Due to overlapping transmission routes, many people with HIV have also been exposed to hepatitis B virus (HBV). As the number of people infected with HIV increases in areas where HBV is endemic, such as southeast Asia, HIV-HBV coinfection is a growing concern that can complicate treatment for both disease.
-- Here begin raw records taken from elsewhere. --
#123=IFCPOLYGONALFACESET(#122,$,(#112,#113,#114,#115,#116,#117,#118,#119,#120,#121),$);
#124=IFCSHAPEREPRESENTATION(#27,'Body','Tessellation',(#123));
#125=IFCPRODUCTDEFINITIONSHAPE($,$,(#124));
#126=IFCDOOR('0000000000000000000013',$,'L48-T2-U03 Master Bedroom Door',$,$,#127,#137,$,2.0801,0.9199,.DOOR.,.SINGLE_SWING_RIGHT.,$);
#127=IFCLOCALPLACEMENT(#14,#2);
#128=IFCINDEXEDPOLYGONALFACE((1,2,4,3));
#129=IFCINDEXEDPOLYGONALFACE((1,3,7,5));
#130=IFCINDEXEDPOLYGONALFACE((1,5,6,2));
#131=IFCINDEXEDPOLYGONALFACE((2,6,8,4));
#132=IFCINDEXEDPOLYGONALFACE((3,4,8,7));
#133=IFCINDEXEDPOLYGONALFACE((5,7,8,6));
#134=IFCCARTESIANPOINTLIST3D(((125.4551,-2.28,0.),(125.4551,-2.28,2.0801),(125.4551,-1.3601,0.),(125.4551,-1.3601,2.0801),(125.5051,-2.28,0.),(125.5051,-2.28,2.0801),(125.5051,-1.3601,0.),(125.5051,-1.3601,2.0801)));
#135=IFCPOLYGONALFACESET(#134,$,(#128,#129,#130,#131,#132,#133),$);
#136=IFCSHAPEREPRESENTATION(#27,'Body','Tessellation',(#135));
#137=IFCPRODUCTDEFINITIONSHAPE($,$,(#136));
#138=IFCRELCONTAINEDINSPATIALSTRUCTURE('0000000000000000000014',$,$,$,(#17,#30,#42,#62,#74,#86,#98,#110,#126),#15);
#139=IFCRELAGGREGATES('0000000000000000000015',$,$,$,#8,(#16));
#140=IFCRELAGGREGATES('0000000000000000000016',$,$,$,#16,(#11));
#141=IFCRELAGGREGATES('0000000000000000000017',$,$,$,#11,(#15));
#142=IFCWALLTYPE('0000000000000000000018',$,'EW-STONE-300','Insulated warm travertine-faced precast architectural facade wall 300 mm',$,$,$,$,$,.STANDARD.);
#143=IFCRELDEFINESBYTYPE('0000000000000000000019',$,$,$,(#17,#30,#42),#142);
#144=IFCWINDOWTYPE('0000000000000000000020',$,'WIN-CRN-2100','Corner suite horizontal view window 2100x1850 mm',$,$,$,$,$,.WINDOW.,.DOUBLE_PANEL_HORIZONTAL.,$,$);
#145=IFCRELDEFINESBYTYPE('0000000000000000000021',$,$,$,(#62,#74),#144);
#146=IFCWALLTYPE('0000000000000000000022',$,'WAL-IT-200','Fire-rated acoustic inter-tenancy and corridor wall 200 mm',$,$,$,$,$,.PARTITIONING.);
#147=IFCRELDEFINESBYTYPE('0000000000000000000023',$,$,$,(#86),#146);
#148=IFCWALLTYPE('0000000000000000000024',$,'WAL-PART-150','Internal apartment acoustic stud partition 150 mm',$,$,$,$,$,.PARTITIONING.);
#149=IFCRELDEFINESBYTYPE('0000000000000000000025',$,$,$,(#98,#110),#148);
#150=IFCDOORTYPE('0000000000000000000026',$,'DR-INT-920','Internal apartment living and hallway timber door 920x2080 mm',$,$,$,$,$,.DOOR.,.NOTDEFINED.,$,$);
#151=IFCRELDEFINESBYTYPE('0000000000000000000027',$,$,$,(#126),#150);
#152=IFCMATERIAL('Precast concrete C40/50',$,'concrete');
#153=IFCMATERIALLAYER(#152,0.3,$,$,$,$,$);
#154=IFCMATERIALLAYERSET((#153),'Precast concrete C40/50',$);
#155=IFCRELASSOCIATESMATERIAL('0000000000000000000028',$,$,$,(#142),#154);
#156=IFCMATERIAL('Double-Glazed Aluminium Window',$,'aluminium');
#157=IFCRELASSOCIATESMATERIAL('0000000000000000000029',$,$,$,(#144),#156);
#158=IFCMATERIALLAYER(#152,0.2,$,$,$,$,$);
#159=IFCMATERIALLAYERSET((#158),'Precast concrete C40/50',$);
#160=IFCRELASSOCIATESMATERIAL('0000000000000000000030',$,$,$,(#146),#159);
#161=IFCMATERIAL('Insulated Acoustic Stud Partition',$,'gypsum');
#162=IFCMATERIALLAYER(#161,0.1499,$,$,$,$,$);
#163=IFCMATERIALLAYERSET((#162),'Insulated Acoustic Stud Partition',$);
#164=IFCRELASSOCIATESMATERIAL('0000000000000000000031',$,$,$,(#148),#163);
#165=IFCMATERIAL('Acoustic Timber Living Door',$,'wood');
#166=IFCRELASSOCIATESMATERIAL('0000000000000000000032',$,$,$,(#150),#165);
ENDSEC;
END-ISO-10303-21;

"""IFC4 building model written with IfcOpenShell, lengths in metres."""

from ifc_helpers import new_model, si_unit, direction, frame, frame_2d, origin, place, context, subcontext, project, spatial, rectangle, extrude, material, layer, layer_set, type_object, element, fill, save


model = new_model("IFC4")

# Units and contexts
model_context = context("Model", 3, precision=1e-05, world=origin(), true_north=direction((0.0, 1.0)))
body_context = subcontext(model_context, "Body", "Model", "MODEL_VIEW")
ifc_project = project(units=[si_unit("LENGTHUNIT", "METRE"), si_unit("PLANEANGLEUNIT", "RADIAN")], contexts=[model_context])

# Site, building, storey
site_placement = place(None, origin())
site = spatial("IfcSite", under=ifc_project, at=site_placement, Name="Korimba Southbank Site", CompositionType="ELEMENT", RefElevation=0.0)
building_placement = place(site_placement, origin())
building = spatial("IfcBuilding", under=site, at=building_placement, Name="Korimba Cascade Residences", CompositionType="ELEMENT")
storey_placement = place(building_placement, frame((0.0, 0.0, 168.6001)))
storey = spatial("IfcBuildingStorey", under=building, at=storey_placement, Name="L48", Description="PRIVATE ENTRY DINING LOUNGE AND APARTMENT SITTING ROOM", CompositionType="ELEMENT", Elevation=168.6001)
Several approved and experimental anti-HBV drugs -- including tenofovir (Viread; also in the Truvada and Atripla coformulations), lamivudine (3TC; Epivir), emtricitabine (Emtriva), and, as recently reported, entecavir (Baraclude) -- are also active against HIV. Using such agents alone can lead to both viruses developing resistance.

Current HIV treatment guidelines recommend that HIV-HBV coinfected individuals who require therapy for chronic hepatitis B should receive a full HAART regimen containing dually active NRTIs.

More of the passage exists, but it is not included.